4. Normal Population Assumption
Our qqplot shows us that our residuals tend to be larger in magnitude and overestimate
(on the right side), and our right tail is lighter than the rest for a normal distribution.
5. Is the relationship between reported crime and average education statistically significant? Report the estimated coefficient of the slope, the standard error, and the p-value. What does it mean for the relationship to be statistically significant?
```{r}
summary(crime.lm)
```
Our estimated coefficient of slope is 1.1161. Our standard residual error was
37.01 on 45 degrees of freedom. We have a high p value for our intercept and a
p value lower for our slope. For the the relationship to be statistically
significant means there exists a relationship between reported crime and average
education.
6. How are reported crime and average education related? In other words, for every unit increase in average education, how does reported crime rate change (per million) per state?
Because we have a significant slope value, we can say that we reject the null.

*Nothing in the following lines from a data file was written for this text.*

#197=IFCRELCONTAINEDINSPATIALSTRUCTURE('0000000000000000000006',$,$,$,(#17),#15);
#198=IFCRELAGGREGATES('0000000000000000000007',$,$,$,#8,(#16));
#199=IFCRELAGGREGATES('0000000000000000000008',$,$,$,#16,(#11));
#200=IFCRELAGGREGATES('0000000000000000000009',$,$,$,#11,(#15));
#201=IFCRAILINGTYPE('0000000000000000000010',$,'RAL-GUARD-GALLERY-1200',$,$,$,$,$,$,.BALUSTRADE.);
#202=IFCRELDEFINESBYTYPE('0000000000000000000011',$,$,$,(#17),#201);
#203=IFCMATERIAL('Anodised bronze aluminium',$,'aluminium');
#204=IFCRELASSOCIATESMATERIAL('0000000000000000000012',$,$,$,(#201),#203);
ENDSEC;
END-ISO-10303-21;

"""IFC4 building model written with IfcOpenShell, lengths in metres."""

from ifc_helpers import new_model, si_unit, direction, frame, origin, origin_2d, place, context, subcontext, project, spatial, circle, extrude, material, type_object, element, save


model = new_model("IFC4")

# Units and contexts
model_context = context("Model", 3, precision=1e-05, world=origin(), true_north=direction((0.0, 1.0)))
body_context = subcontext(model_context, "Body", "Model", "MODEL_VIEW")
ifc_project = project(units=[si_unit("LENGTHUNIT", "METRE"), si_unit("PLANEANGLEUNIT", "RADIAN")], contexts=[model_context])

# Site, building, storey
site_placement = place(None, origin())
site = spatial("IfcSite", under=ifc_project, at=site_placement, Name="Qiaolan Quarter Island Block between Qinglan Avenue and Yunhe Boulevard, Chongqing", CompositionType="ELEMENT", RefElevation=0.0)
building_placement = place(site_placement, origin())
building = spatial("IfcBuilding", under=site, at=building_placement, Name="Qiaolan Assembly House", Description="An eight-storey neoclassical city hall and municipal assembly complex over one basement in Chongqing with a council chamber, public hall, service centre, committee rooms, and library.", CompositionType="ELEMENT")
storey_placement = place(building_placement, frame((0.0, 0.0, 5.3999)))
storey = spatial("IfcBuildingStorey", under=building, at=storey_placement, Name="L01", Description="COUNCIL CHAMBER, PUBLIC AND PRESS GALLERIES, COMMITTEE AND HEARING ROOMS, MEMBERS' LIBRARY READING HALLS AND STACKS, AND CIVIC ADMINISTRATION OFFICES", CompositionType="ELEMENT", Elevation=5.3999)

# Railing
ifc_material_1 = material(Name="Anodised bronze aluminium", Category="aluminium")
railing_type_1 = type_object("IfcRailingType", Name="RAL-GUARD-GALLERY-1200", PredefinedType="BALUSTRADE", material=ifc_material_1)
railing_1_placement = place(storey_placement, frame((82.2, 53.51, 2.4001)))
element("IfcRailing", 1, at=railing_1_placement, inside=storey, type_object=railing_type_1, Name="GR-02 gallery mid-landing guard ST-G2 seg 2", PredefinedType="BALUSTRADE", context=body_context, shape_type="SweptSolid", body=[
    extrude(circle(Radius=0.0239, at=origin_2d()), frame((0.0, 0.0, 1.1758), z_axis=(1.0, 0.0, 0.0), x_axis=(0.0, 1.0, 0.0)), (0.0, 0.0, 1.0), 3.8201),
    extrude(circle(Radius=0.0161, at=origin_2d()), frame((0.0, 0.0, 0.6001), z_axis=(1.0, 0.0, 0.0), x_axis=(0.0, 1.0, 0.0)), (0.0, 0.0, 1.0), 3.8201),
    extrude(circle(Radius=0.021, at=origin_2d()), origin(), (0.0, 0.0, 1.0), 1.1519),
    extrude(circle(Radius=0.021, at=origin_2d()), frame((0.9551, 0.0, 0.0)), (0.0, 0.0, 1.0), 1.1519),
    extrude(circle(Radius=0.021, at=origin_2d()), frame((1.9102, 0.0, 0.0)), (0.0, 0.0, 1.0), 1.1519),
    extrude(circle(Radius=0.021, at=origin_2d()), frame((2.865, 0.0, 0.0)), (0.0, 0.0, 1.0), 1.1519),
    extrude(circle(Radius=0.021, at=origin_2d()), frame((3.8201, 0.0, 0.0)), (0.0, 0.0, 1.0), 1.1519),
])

For every unit increase of average education, the reported crime rate changes
by 1.1161.
7. Can you conclude that if individuals were to receive more education, then crime will be reported more often? Why or why not?
Based of our linear regression, we can conclude that individuals who receive more
education will report crime more often since we obtained a pvalue that was
statistically significant. This tells us that there exists some
relationship (from the slope), which we can see is increasing as a unit of
education increases. However, we need to keep in mind that this test doesn't
have enough data points because it is hard to tell if the equal variance and
the normal population assumption pass.